First, there’s no public disclosure requirement. CAISI’s evaluation results aren’t published. The labs aren’t required to disclose what evaluations found, what was changed as a result, or whether any findings were contested. The framework creates a private information channel between labs and government, not a public accountability mechanism.
Second, the agreements don’t address international coordination. CAISI’s evaluations happen on American frontier models. Models released by non-US labs, which include some of the most capable systems now in deployment, operate entirely outside this framework. The voluntary architecture is, by design, a relationship between the US government and US-based frontier labs.

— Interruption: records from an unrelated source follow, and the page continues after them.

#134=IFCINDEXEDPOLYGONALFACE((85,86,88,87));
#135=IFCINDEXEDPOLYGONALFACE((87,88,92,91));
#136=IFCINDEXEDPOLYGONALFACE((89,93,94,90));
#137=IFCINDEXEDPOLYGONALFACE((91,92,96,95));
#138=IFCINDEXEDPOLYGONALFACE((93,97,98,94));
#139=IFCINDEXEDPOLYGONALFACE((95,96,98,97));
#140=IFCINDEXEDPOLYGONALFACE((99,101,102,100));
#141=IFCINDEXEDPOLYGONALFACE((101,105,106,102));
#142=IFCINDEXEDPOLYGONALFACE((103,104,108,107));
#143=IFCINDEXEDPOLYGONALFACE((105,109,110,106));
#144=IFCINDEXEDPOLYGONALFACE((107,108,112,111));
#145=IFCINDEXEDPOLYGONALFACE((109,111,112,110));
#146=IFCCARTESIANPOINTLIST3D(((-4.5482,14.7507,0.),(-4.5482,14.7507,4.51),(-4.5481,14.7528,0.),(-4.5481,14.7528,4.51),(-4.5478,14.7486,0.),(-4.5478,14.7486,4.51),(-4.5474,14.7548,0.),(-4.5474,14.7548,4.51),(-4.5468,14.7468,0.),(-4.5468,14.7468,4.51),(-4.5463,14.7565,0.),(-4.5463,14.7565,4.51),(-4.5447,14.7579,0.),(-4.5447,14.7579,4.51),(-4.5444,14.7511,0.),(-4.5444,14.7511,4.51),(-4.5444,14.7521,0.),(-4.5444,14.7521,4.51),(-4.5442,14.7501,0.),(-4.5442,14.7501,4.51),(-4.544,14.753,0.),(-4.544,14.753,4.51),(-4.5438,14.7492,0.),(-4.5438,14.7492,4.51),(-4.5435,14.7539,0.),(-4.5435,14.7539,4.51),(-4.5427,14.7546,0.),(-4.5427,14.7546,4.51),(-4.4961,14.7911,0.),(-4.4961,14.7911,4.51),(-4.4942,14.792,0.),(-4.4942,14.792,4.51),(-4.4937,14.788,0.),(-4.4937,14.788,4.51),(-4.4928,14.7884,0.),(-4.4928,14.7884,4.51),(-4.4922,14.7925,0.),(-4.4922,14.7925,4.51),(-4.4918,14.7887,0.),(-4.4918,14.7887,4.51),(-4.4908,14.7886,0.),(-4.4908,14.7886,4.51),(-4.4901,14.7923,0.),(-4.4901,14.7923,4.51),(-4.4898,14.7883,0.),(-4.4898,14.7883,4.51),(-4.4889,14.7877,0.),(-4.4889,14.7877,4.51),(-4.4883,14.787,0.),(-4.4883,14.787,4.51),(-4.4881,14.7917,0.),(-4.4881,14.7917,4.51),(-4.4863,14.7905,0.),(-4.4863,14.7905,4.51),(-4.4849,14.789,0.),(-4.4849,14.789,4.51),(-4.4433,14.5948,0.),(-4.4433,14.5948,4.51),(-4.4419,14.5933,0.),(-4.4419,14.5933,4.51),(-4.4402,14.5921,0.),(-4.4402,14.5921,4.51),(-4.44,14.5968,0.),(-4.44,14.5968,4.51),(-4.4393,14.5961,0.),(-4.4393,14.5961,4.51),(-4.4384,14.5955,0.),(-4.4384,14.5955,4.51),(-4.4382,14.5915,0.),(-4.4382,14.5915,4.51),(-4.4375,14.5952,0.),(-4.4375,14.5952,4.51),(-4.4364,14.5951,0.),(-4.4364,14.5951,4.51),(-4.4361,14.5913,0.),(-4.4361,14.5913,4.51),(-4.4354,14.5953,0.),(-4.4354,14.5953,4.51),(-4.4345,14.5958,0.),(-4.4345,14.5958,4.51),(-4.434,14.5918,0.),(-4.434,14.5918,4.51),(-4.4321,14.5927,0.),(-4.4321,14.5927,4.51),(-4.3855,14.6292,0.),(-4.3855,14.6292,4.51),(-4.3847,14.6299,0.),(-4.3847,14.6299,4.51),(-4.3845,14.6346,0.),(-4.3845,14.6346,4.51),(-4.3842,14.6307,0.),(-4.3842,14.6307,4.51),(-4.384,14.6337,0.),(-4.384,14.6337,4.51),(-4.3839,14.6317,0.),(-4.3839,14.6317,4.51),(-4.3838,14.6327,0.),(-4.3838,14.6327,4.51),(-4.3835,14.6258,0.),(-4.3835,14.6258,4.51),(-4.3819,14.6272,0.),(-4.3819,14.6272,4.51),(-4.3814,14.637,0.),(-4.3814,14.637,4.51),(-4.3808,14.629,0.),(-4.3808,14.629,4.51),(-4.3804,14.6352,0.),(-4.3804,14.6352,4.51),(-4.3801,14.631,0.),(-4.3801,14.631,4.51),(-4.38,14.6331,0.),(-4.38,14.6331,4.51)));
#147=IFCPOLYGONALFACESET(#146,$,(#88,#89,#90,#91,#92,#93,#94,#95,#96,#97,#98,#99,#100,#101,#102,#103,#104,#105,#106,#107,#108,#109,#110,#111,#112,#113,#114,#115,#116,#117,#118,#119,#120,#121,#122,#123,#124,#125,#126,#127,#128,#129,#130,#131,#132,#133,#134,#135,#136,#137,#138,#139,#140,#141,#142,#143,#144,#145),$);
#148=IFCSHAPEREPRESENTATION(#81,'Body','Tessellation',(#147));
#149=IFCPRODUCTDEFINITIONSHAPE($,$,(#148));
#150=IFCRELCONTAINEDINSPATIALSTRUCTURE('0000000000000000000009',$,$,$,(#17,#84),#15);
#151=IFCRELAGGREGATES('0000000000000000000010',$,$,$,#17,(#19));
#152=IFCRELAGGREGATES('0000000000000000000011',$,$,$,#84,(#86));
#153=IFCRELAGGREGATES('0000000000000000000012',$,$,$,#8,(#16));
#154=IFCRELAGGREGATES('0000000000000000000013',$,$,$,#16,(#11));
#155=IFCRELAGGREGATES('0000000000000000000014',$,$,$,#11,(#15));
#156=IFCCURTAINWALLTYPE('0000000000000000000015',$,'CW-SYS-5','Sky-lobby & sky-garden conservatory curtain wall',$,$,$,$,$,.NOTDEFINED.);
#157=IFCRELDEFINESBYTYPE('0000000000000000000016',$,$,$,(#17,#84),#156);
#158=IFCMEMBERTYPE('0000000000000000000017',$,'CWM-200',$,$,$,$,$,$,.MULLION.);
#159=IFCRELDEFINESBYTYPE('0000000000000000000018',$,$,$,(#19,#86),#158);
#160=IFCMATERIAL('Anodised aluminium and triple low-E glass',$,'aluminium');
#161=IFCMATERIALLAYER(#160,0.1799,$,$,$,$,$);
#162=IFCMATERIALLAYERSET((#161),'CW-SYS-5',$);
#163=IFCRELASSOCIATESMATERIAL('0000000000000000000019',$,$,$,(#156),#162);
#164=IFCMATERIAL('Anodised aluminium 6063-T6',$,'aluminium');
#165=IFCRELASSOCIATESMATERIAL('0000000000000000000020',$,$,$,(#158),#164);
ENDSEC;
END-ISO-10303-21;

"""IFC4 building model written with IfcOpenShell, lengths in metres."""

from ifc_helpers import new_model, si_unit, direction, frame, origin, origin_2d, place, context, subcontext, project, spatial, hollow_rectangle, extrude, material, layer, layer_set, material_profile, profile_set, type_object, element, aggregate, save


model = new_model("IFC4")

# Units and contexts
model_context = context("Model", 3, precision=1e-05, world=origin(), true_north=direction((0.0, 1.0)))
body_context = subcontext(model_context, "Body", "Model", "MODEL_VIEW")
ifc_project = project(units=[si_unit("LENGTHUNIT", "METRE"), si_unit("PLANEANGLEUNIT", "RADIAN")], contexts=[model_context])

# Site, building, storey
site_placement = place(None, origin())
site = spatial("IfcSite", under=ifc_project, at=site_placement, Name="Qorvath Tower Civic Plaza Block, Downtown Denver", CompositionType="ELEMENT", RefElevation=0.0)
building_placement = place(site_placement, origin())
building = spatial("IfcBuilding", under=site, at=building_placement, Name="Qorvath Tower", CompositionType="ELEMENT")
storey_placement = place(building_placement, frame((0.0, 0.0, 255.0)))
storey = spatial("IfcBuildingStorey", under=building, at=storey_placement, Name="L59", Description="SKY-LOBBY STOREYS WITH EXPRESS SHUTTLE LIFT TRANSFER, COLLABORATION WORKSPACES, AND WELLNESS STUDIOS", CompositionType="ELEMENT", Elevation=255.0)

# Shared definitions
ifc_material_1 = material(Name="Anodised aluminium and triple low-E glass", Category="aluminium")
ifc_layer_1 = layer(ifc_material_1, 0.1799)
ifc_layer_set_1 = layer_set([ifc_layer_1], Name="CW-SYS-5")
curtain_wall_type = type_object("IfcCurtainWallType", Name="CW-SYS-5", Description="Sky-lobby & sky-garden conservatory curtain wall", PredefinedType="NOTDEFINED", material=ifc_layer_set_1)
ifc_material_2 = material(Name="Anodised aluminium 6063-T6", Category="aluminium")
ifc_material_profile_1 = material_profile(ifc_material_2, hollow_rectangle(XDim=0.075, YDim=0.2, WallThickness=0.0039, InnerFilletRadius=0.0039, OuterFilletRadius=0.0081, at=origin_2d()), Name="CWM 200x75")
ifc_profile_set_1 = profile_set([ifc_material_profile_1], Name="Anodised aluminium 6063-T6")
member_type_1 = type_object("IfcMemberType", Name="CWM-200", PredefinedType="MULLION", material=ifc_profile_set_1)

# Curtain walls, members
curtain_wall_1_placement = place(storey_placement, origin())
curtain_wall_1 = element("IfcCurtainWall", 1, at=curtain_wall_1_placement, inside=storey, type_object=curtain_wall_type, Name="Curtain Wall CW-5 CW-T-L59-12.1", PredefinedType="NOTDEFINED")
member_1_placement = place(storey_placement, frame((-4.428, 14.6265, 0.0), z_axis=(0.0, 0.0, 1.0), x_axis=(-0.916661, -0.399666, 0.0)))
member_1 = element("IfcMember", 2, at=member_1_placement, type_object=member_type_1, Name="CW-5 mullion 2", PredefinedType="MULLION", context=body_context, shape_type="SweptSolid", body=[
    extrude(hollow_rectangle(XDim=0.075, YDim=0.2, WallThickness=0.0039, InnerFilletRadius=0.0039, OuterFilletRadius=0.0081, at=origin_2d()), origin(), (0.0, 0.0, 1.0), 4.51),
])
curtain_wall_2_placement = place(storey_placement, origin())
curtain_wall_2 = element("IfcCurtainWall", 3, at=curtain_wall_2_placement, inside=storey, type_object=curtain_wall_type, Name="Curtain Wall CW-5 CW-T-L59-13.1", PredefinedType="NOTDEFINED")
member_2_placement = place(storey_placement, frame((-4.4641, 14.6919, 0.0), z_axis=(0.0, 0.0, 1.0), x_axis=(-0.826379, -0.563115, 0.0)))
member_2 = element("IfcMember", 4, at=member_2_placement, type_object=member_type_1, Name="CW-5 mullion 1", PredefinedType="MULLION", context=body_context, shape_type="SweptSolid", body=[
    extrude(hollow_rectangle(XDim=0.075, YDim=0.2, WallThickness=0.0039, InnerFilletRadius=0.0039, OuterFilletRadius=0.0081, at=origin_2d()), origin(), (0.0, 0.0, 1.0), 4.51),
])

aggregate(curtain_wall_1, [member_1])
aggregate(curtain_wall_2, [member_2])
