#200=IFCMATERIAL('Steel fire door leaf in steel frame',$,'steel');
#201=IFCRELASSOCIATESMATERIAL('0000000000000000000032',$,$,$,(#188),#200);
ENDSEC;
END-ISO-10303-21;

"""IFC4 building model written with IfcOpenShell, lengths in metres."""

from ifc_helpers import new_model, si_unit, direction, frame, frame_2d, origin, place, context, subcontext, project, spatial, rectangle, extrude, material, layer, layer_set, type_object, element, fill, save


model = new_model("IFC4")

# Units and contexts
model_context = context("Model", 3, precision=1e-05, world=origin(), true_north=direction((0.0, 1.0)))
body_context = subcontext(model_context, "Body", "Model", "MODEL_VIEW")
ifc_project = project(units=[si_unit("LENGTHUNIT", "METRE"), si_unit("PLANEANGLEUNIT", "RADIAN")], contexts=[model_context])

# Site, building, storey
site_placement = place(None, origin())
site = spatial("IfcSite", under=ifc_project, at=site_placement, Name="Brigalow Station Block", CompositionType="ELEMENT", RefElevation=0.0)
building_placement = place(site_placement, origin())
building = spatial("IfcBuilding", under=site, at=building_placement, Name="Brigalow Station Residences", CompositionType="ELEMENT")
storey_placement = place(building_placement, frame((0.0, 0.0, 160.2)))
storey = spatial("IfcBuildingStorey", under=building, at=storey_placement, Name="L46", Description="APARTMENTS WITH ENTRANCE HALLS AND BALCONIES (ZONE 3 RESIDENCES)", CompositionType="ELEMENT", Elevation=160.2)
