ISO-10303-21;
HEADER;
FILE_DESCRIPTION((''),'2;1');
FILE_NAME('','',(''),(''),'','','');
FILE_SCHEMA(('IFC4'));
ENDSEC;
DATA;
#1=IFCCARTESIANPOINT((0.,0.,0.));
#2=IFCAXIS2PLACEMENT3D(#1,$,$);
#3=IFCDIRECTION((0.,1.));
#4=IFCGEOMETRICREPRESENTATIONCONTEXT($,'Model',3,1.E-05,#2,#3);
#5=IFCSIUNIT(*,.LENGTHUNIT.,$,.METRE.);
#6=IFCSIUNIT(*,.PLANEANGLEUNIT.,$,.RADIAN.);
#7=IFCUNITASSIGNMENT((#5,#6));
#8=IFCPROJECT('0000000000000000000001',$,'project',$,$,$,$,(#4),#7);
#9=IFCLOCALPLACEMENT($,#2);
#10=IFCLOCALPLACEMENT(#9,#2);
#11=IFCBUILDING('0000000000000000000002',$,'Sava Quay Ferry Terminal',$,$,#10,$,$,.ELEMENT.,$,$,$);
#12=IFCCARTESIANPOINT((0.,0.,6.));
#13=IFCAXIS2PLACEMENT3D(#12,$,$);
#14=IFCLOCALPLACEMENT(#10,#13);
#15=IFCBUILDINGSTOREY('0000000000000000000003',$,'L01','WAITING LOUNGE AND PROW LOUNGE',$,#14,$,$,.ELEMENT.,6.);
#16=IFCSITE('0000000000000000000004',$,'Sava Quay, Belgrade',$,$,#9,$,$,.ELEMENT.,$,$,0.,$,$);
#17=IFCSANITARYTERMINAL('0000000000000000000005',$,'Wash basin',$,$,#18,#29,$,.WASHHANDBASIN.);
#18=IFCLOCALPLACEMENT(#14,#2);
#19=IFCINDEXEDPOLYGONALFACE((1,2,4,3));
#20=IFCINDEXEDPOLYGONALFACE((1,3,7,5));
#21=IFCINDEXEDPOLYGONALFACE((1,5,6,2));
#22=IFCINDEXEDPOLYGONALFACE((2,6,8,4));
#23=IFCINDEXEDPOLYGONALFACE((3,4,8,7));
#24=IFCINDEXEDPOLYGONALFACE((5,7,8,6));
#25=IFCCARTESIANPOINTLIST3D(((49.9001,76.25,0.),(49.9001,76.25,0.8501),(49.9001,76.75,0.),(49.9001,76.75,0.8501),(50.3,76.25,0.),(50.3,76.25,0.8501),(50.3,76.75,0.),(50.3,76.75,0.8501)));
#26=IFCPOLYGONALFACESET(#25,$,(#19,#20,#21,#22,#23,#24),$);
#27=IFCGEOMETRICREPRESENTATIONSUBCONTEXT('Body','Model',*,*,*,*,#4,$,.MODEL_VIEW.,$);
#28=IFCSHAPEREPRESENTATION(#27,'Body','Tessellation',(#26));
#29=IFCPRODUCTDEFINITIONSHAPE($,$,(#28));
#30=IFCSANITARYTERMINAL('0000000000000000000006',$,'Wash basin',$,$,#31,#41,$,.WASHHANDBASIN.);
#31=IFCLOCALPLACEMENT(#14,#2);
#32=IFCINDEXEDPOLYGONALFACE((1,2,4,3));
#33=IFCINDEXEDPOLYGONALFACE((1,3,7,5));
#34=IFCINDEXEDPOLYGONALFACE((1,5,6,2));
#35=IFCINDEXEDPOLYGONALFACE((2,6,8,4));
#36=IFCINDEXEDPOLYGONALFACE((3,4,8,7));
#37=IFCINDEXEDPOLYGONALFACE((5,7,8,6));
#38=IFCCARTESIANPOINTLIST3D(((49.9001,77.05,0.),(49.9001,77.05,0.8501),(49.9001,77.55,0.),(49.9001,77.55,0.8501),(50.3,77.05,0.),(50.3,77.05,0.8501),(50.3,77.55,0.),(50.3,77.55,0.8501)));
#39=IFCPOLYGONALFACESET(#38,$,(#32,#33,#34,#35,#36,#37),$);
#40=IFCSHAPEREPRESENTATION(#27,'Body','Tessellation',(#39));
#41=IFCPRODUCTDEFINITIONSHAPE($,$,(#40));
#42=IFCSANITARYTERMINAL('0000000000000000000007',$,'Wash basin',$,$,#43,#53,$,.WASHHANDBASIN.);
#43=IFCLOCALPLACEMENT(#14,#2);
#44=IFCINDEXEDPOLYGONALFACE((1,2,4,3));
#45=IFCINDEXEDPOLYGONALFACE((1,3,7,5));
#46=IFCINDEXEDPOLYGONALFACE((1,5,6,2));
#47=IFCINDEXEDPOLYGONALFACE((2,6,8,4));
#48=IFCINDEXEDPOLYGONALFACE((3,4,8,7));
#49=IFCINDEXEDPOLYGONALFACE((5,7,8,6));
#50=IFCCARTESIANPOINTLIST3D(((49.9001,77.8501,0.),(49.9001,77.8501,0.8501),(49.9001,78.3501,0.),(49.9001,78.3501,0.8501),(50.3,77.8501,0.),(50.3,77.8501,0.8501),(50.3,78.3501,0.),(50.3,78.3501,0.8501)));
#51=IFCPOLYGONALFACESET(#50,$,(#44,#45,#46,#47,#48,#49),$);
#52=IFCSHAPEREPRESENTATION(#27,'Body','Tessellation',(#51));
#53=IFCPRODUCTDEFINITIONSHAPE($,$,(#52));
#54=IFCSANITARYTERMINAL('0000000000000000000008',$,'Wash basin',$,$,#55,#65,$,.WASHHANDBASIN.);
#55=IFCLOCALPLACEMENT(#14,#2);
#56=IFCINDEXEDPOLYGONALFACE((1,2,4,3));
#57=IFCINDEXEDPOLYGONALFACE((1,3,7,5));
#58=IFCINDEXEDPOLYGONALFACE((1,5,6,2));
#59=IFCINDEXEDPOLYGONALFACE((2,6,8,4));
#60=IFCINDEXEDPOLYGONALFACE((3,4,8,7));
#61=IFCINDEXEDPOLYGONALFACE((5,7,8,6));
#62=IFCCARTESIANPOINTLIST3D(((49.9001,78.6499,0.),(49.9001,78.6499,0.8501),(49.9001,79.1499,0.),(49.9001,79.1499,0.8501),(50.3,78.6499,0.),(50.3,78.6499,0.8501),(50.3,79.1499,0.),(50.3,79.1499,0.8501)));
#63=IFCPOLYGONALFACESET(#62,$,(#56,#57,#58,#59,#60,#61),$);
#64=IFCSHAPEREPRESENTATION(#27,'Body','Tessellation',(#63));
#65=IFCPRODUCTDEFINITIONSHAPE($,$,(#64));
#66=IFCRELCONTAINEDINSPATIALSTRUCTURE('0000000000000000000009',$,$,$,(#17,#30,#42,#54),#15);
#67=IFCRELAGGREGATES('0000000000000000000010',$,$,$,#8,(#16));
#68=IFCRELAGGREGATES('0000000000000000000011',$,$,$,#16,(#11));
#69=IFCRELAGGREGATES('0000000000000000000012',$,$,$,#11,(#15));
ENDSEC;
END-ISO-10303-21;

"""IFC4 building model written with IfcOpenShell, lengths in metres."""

from ifc_helpers import new_model, si_unit, direction, frame, origin, origin_2d, place, context, subcontext, project, spatial, rectangle, extrude, element, save


model = new_model("IFC4")

# Units and contexts
model_context = context("Model", 3, precision=1e-05, world=origin(), true_north=direction((0.0, 1.0)))
body_context = subcontext(model_context, "Body", "Model", "MODEL_VIEW")
ifc_project = project(units=[si_unit("LENGTHUNIT", "METRE"), si_unit("PLANEANGLEUNIT", "RADIAN")], contexts=[model_context])

# Site, building, storey
site_placement = place(None, origin())
site = spatial("IfcSite", under=ifc_project, at=site_placement, Name="Sava Quay, Belgrade", CompositionType="ELEMENT", RefElevation=0.0)
building_placement = place(site_placement, origin())
building = spatial("IfcBuilding", under=site, at=building_placement, Name="Sava Quay Ferry Terminal", CompositionType="ELEMENT")
storey_placement = place(building_placement, frame((0.0, 0.0, 6.0)))
storey = spatial("IfcBuildingStorey", under=building, at=storey_placement, Name="L01", Description="WAITING LOUNGE AND PROW LOUNGE", CompositionType="ELEMENT", Elevation=6.0)

# Sanitary terminals
for number, where, z_axis, x_axis, name in (
    (1, (50.1001, 76.5, 0.0), (0.0, 0.0, 1.0), (1.0, 0.0, 0.0), "Wash basin"),
    (2, (50.1001, 77.3, 0.0), (0.0, 0.0, 1.0), (1.0, 0.0, 0.0), "Wash basin"),
    (3, (50.1001, 78.1001, 0.0), (0.0, 0.0, 1.0), (1.0, 0.0, 0.0), "Wash basin"),
    (4, (50.1001, 78.8999, 0.0), (0.0, 0.0, 1.0), (1.0, 0.0, 0.0), "Wash basin"),
):
    element("IfcSanitaryTerminal", number, at=place(storey_placement, frame(where, z_axis=z_axis, x_axis=x_axis)), inside=storey, Name=name, PredefinedType="WASHHANDBASIN", context=body_context, shape_type="SweptSolid", body=[
        extrude(rectangle(XDim=0.3999, YDim=0.5, at=origin_2d()), origin(), (0.0, 0.0, 1.0), 0.8501),
    ])

save(model, "model.ifc")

Third, there’s no defined scope for what “pre-release evaluation” means in terms of what gets tested, by what methodology, or against what standards. NIST’s announcement describes the mechanism without specifying the rigor. What CAISI can evaluate is bounded by what CAISI has the staff, tools, and time to actually do.
What to Watch
The White House was reportedly weighing an executive order formalizing AI model review, as covered in this hub’s prior coverage, which would represent a shift from purely voluntary architecture toward something with more structural authority. Whether that EO materializes, and whether it addresses the enforcement gap or simply codifies the current voluntary model in more formal language, is the legislative and executive development most worth watching in this space.

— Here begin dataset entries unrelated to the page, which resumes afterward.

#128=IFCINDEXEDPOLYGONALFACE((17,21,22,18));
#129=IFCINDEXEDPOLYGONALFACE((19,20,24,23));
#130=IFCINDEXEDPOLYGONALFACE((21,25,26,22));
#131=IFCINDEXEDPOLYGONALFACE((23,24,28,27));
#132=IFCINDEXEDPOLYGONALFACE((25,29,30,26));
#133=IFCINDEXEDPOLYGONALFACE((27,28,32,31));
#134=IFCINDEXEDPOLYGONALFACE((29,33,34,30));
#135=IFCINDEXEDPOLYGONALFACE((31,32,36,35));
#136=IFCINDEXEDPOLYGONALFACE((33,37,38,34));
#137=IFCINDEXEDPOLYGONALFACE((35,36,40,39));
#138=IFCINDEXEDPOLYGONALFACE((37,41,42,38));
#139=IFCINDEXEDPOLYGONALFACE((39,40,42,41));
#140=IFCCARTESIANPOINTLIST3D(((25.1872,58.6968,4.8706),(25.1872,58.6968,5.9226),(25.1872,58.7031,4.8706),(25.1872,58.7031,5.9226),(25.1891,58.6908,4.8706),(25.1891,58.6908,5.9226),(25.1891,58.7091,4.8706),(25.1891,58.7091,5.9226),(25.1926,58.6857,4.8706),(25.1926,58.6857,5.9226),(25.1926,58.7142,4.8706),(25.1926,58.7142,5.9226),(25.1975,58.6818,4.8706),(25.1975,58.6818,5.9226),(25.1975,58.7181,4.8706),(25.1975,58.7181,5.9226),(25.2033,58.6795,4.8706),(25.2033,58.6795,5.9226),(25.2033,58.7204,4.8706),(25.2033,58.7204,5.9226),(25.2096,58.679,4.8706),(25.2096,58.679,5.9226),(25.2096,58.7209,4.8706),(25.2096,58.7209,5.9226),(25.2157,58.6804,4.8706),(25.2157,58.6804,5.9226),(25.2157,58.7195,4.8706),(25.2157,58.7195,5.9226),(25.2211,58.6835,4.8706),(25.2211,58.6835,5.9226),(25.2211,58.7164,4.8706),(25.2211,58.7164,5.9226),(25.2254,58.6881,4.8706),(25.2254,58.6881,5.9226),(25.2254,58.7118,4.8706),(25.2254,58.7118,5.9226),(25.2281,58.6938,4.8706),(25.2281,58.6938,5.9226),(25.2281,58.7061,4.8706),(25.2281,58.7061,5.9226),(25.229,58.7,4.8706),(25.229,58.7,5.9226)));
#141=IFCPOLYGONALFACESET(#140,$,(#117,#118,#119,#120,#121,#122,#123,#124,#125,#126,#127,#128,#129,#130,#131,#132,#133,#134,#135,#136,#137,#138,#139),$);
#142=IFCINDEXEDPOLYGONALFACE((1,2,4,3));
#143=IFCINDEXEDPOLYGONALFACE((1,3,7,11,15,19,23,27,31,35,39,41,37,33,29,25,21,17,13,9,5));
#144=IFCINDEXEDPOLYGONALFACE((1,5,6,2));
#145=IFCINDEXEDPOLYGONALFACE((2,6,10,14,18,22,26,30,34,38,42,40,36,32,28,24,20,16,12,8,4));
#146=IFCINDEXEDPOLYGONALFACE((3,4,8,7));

The other signal to track is whether any of the five labs publicly discloses an evaluation finding – even a favorable one. Voluntary transparency from the labs themselves would tell the market something about what the CAISI process actually produces. Its absence is equally informative.
TJS Synthesis
CAISI’s full frontier coverage is a genuine milestone in the voluntary architecture’s own terms. It demonstrates that the US government can build evaluation relationships with all major domestic AI developers without statutory compulsion, which has value as a proof of concept for international AI governance discussions where mandatory frameworks face political resistance.
But the milestone also clarifies the ceiling. Five agreements without enforcement authority produces comprehensive access and no mechanism to act on what that access reveals. For compliance teams building AI governance programs, the policy implication worth considering is this: the federal voluntary framework doesn’t transfer any of its oversight to you. Your organization’s AI governance program has to account for the fact that the most detailed evaluations of the models you’re deploying aren’t available to you, and may not be available to anyone outside the government and the labs themselves.